The breakthrough of the “independents” in the Lebanese elections shows possibilities for change

November 2019 protest in Lebanon Photo: Kaepora~enwiki/CC

Iain Dalton

On May 15, Lebanese voters headed to the polls in one of the strangest elections in recent years. The unprecedented social breakdown in Lebanon in recent years served as the backdrop for this election. Inflation is now over 200% and unemployment has tripled over the past two years. Lebanon has also not escaped the fallout from the Russian invasion of Ukraine, with 80% of the country’s wheat supplied by Ukraine.

A significant feature of the elections was the formal withdrawal from the race of the Future Movement, the Sunni electoral vehicle of the Hariri dynasty, whose leader, Saad Hariri, had been prime minister leading a 20-person parliamentary bloc . in the last elections. But others, including the outgoing Prime Minister, did not stand for election.

Despite these withdrawals, a record 1,043 candidates stood for election. Following the October 17, 2019 uprising against the then Saad Hariri government’s austerity measures and the mass protests that erupted after the tragic Beirut port explosion demanding accountability for the disaster, there were great hopes to see those who were not part of the traditional sectarian and religious groups. parties and blocs elected to parliament.

An opinion poll conducted in December 2021 revealed that almost 45% of Lebanese voters would not vote for the same party they had in 2018, while 40% were ready to vote for either independents or supporters. of the October 17 uprising. In particular, a number of parties had been formed explicitly on anti-sectarian lines or on the basis of support for the October 17 uprising.

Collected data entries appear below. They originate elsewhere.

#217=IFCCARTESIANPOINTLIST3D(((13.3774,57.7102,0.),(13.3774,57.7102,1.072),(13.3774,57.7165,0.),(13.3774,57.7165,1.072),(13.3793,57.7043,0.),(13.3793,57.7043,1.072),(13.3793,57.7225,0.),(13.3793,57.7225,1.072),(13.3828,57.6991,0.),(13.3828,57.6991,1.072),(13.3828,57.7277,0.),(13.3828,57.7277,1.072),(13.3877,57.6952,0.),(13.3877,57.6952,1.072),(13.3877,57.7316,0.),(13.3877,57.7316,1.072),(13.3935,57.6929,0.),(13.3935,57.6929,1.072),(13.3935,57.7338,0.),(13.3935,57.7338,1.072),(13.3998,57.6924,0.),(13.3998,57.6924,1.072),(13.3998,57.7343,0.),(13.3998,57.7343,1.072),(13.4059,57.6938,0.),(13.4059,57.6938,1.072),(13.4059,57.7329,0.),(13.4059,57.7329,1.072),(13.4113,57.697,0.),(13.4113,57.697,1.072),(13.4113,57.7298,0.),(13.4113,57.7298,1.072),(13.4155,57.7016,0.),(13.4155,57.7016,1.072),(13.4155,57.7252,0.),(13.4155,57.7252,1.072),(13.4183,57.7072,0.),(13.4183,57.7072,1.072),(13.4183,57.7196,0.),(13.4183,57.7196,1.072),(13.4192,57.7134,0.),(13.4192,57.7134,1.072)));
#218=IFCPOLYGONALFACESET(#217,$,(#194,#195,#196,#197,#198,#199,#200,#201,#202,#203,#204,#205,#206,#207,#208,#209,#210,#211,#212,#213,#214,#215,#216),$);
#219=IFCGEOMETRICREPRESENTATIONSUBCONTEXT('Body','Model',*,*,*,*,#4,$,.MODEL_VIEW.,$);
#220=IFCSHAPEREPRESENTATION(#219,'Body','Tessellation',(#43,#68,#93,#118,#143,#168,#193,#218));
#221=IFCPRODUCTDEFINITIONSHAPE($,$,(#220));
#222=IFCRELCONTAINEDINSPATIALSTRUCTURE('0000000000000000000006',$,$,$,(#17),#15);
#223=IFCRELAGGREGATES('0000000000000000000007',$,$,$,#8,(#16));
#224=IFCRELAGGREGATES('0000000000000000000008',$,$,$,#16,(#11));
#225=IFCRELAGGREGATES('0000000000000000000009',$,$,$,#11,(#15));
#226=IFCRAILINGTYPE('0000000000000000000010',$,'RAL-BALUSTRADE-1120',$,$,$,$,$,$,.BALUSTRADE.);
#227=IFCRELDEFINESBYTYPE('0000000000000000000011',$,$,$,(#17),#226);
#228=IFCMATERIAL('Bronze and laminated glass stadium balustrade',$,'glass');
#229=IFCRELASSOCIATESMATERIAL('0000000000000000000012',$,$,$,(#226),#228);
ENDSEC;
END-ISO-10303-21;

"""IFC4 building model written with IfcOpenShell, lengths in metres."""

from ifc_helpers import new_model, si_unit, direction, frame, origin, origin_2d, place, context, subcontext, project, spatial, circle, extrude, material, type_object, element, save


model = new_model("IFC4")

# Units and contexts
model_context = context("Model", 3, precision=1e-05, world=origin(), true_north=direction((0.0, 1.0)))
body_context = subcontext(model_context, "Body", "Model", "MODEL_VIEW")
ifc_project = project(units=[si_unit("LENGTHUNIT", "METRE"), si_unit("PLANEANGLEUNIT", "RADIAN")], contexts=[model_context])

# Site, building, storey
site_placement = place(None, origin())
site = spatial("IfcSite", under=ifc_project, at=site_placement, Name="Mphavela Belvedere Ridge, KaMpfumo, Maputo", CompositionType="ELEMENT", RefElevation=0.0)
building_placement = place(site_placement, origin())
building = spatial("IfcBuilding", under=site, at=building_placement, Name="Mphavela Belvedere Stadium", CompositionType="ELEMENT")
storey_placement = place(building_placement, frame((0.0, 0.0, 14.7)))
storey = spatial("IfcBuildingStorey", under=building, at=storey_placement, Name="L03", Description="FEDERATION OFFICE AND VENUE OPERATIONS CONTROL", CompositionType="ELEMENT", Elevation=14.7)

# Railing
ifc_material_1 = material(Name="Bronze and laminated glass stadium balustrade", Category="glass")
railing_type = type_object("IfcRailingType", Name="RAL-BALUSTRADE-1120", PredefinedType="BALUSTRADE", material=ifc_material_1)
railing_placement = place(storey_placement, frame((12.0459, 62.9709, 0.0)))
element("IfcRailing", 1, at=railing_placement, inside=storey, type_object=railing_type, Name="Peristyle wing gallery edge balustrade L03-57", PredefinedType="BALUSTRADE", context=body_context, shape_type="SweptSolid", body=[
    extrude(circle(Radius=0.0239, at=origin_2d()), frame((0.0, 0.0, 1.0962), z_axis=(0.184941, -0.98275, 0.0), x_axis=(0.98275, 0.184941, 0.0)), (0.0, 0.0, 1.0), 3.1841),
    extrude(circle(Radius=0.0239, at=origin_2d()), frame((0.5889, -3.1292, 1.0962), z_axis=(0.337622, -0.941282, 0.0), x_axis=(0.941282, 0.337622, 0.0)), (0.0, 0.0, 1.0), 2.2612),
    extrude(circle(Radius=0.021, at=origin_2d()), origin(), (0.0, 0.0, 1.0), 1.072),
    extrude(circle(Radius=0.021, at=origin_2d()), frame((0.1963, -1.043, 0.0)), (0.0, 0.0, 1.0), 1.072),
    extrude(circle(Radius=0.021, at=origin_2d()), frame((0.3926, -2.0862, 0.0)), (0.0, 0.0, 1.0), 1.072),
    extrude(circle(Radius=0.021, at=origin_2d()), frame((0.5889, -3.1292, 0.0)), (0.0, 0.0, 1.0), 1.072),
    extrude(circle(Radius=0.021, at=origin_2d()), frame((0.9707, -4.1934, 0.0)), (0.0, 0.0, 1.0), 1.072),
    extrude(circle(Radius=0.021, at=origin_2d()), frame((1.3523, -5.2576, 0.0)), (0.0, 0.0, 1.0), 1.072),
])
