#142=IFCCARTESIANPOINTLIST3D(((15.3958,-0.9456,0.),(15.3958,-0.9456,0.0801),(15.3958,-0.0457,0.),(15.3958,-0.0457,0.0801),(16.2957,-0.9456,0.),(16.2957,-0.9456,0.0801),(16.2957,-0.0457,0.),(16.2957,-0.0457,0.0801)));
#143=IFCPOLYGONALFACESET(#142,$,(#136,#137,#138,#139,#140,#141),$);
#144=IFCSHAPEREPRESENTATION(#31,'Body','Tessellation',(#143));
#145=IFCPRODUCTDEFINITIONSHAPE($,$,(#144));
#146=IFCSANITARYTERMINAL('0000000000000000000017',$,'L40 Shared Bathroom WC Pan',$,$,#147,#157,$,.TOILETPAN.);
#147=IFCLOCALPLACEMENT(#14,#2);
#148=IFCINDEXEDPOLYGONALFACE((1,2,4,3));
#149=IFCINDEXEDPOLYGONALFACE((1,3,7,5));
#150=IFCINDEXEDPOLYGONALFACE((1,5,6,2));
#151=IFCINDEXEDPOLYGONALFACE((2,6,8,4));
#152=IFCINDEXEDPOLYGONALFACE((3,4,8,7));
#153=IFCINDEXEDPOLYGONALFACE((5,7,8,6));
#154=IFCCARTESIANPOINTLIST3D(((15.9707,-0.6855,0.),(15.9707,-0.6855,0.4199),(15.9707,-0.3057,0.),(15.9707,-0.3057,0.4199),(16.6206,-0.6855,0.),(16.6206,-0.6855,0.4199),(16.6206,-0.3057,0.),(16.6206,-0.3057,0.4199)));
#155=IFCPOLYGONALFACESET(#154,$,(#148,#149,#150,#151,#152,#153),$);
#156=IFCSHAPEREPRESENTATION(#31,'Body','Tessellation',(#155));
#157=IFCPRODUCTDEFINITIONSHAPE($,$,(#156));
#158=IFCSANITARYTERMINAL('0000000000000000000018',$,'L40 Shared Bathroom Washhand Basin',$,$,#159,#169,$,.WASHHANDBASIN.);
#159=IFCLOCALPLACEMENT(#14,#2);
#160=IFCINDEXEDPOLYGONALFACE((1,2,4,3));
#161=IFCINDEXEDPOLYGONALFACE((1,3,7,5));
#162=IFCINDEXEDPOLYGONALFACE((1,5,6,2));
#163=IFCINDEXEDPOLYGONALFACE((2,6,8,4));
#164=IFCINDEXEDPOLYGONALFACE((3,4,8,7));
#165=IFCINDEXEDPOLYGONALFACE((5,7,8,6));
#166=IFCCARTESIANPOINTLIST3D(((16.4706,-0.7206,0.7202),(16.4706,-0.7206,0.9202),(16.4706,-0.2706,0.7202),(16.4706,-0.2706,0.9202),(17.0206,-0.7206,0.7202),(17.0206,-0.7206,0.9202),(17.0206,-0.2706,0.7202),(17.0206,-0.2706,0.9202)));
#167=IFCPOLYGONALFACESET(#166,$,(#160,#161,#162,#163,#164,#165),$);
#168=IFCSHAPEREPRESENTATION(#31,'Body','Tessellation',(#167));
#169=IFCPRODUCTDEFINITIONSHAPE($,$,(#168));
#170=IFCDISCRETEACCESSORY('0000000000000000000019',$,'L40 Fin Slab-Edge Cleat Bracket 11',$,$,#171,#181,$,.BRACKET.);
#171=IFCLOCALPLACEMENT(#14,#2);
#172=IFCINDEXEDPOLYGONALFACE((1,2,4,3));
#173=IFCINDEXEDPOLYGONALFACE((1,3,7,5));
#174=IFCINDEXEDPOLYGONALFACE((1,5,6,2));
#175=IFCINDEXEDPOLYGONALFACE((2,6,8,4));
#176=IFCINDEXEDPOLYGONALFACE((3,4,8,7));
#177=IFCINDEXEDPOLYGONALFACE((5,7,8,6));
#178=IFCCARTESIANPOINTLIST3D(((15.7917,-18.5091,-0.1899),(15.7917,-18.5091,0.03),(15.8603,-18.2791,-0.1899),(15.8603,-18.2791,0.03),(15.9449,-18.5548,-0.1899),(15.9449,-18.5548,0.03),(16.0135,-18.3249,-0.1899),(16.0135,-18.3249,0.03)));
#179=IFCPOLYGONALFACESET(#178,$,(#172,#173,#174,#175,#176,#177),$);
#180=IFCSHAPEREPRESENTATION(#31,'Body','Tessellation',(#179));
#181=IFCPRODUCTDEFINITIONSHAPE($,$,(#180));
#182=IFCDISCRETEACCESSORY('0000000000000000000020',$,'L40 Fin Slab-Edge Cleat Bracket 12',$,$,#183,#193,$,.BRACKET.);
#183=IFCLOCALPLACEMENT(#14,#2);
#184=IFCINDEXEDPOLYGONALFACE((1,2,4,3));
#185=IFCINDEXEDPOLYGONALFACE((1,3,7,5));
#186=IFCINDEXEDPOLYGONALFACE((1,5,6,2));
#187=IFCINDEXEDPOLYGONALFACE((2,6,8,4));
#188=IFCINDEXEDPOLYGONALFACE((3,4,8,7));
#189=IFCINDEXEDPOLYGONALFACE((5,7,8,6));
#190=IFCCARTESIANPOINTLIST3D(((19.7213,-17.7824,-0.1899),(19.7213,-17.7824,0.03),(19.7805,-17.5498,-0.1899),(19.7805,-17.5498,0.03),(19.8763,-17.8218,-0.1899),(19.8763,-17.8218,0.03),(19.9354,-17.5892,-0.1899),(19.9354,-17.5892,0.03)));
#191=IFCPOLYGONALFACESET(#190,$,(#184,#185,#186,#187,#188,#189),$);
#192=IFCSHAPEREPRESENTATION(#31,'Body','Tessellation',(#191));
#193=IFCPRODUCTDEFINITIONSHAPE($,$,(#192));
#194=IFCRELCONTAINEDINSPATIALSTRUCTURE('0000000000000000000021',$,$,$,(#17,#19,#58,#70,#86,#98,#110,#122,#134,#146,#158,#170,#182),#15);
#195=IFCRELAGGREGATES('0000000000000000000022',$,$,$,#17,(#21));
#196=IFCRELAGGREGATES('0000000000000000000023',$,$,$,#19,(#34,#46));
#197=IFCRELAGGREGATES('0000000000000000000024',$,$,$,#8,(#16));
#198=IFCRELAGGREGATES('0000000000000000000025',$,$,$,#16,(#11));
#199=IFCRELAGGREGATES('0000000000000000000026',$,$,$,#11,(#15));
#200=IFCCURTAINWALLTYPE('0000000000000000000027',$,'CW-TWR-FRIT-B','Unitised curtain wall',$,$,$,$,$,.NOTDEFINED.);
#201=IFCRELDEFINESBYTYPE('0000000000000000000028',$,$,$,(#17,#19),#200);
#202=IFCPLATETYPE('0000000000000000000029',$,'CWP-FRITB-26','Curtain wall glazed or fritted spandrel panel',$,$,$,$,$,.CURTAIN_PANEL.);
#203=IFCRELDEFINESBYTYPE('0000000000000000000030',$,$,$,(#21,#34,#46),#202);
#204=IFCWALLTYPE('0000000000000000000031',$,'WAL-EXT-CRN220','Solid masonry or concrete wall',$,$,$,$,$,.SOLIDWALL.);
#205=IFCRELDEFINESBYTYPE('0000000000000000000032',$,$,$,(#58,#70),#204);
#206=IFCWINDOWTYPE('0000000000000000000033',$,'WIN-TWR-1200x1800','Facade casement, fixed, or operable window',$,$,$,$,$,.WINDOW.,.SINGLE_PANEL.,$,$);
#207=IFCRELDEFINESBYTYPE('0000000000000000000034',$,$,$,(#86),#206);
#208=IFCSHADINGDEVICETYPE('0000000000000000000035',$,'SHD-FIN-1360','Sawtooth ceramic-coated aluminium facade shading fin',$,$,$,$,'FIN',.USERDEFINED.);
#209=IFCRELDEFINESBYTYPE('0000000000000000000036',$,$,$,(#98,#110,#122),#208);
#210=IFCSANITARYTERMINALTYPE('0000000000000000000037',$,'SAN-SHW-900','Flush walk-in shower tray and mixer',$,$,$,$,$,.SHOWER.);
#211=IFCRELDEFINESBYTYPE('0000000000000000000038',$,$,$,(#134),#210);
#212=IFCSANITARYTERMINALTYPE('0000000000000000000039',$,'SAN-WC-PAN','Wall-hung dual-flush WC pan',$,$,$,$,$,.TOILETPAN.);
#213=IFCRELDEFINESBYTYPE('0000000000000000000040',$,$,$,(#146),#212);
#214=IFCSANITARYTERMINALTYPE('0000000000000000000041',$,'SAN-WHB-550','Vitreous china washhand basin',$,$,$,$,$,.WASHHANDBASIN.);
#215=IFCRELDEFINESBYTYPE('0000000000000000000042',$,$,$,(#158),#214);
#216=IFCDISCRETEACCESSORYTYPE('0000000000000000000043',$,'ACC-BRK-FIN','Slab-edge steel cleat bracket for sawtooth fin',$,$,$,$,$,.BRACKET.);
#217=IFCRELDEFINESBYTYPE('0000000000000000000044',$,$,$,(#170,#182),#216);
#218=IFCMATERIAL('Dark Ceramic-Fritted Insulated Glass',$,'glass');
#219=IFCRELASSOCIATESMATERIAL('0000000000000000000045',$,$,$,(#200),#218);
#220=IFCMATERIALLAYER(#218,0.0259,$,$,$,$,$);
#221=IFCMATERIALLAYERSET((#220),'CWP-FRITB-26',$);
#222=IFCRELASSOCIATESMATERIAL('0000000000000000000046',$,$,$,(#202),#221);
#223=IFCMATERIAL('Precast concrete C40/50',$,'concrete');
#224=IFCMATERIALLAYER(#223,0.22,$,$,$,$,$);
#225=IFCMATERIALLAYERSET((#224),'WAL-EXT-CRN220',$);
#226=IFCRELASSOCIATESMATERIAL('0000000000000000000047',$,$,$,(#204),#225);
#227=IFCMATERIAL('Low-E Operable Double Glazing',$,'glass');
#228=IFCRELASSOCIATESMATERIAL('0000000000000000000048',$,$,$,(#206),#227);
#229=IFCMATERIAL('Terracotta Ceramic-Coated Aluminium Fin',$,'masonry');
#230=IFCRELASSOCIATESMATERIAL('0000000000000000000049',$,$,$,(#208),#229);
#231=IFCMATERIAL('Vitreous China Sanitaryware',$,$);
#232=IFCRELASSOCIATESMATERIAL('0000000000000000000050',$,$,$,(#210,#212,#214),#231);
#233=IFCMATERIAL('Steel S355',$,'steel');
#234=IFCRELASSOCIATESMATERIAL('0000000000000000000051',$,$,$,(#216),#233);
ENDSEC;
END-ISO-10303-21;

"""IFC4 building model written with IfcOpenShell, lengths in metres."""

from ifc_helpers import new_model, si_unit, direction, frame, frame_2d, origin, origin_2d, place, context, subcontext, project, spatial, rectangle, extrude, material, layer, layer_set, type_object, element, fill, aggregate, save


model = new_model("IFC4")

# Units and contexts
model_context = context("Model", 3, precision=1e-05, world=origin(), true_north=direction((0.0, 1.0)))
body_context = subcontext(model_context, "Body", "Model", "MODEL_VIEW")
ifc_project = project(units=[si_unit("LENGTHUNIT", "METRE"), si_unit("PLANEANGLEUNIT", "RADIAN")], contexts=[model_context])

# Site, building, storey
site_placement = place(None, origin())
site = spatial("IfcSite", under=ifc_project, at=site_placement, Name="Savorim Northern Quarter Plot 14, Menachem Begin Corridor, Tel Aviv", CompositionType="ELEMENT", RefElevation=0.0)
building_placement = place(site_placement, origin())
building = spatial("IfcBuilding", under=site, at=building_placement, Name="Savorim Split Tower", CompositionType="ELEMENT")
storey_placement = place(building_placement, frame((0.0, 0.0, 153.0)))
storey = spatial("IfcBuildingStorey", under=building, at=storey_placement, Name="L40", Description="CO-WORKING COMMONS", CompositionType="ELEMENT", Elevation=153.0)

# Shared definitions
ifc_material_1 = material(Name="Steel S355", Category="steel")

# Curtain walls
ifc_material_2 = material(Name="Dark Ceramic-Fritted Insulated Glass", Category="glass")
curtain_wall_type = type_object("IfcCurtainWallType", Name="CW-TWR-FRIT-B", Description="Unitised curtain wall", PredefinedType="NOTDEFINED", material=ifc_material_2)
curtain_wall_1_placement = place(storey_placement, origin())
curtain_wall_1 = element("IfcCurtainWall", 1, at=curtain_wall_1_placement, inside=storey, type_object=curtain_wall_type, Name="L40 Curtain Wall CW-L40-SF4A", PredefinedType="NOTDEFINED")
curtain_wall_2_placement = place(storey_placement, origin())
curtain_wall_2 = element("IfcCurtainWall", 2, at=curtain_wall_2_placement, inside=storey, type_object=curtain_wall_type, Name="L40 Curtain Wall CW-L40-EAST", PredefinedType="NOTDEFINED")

Officially, 13 independents were elected, although not all of them were genuinely independent of the existing blocs and parties. For example, several independents had ties to Hariri’s Future Movement, and an October 17 party, Taqqadom, which won two seats, was listed with the Kataeb party, which emerged from one of the strongest sectarian militias. victims of the civil war.

But independents who have won also include Melham Khalif, who in November 2019 won the Beirut Bar Association elections as an independent. Perhaps, more promisingly, they also include Ibrahim Mneimneh of the Beirut Resists campaign, who previously ran unsuccessfully in the 2018 election due to his involvement in the Beirut litter protests in 2015.

In a speech to the press after his election, Mneimneh highlighted opposition to sellouts and attacks on living standards and rights, and concluded with these words: “The real battle began today because the elections are one of the frontiers against this regime. Our next rendezvous is in municipalities, unions, universities and the streets until we destroy the system and reclaim our present and our future.

The real battle begins soon

This real battle will begin soon, as the new government tries to push through parliament the eight conditions imposed on Lebanon for a new IMF bailout agreed in April. These include lower state spending, higher taxes, privatizations and debt reductions, with much of the burden falling on the poorest sections of Lebanese society.

This will be more difficult given the more unstable parliament that was elected, with the Hezbollah-Amal-Free Patriotic Current bloc losing its parliamentary majority, but the opposing Lebanese Forces party also not holding a majority. Under the Lebanese constitution, key state and parliamentary positions are each allocated to specific religious groups such as Sunni Muslims, Shia Muslims and members of different Christian denominations, a system that has been implicitly rejected by the mass protests of 2015, and those between 2019 and 2021.

Thus, Nabih Berri, the outgoing speaker of parliament and leader of Amal, will face a re-election vote, which the Lebanese Forces and other “Christian” opposition groups will reject. However, since the post must be held by a Shia (Amal and Hezbollah hold all Shia seats), he is likely to be elected by default. Other more contested elections will take place for the vice-president (a Greek Orthodox) and the president (a Maronite) who must also be elected by parliament. The key to stopping the proposed attacks on the Lebanese masses will be the struggle of Lebanese workers and their unions, alongside other oppressed layers in Lebanon, such as the large number of refugees from various conflicts in the region. If these true independents build on this layer, even one or two clear voices in parliament could serve as a platform for the kind of mass struggles needed to defeat these attacks on the Lebanese masses. This could pave the way for the reconstruction of the labor movement in Lebanon and its own mass party that could begin the outlines of a socialist alternative to the misery that capitalism has inflicted on the country.